Aline é autora de “Síncope” (2017) e “Pão Francês” (2019), e atualmente está trabalhando em sua mais longa história em quadrinhos, a ser lançada pela Companhia das Letras. No momento ministra o curso “Vivência LGBTQIA+ nos quadrinhos” no Sesc São Caetano.
Diana é autora de “Cartas Para Ninguém” (2019), cuja nova edição será lançada neste ano após um bem-sucedido financiamento coletivo. É também autora do “Então você quer escrever personagens trans?”, já citado nessa coluna, e no momento está ministrando a oficina de escrita criativa “Cartas para quem?” no Espaço CC.
Apesar de meu método jornalístico questionável de fazer uma pergunta que eu não gosto para minhas “entrevistadas”, divido com elas minha frustração com a pergunta: ao pesquisar quadrinhos dentro da universidade, me vi constantemente colocada em um lugar de justificação – fiz mestrado sobre resistência política em quadrinhos experimentais, usando principalmente obras de autoras mulheres e de sexualidades e expressões de gênero diversas.
Claro, faz parte do método científico justificar a relevância e escolha de seu objeto de pesquisa. Mas minhas motivações para se pensar em quadrinhos feitos por um tipo específico de autor nunca eram o bastante para alguns professores.

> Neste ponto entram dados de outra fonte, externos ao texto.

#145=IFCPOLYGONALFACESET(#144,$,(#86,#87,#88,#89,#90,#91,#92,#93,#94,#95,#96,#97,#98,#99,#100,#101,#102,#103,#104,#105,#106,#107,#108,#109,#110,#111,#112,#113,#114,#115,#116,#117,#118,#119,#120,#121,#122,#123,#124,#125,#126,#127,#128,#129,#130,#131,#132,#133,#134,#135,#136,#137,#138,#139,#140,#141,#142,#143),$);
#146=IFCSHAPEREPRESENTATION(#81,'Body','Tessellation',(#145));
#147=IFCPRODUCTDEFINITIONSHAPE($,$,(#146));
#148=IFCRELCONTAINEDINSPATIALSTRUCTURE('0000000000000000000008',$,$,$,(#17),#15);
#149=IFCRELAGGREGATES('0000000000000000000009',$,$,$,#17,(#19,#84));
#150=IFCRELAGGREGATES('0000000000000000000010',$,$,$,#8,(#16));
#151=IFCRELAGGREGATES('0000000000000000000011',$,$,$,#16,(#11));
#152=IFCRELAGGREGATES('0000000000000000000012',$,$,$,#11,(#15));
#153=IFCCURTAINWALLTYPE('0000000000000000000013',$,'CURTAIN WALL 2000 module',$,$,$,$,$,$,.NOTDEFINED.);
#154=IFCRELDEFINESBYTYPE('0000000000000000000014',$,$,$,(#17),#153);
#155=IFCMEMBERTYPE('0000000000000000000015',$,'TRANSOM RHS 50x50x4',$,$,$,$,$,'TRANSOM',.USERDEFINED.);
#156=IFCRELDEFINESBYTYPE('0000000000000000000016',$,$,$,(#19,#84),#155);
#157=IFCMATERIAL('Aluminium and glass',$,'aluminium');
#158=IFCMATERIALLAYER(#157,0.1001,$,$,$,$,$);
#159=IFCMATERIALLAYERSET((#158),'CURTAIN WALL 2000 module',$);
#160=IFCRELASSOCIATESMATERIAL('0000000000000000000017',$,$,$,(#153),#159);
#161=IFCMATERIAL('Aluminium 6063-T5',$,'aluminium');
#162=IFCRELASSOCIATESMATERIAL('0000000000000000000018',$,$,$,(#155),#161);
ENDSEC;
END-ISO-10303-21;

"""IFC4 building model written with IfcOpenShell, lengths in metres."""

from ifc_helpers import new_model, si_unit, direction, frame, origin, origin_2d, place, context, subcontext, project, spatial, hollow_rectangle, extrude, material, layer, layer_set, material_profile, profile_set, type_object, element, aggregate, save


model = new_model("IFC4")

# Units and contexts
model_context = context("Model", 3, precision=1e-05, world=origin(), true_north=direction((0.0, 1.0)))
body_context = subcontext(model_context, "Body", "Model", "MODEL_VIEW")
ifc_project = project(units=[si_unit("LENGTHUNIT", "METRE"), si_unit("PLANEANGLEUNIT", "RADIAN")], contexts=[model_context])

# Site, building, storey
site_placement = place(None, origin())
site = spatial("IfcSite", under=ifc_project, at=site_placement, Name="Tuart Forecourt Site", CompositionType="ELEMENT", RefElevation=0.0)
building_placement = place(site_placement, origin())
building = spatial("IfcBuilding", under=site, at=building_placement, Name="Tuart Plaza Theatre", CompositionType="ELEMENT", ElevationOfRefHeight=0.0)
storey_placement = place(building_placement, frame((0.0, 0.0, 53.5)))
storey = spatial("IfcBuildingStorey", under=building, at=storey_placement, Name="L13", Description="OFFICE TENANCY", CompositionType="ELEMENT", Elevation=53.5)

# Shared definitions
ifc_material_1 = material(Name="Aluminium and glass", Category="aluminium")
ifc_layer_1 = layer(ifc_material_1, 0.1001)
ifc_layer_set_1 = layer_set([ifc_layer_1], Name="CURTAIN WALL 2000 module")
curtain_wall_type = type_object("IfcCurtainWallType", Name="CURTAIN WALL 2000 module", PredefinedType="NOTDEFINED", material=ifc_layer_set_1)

Pela forma que eles se colocavam, eu começava a suspeitar que isso tinha mais a ver com o fato de se tratar não de autores, mas de autoras, ainda que muitas delas não falassem necessariamente em questões “de gênero”.
Arte de Aline Zouvi
Arte de Aline Zouvi
Não há dúvidas de que quadrinhos feitos por autores LGBT+ são importantes por uma variedade de fatores; da mesma forma, quadrinhos que abordem temas LGBT+ também têm relevância indiscutível. Mas conversando com Diana e Aline, fica claro que misturar tudo isso parece implicar numa correlação necessária entre ambos, como se autor LGBT+ só falasse de temas LGBT+.
Ao longo da conversa, alguns termos me chamaram a atenção: visibilidade e representatividade; legitimidade e possibilidade (de existir); explicar e brincar.
Diana, por um lado, afirmou que não fala em representatividade em nada que faz – e eu entendo. É um pouco o que sinto em relação a outros termos que foram esvaziados pelo neoliberalismo, como “empoderamento” e outros termos cunhados por filósofas que propuseram novas formas de pensar e agir em sua época.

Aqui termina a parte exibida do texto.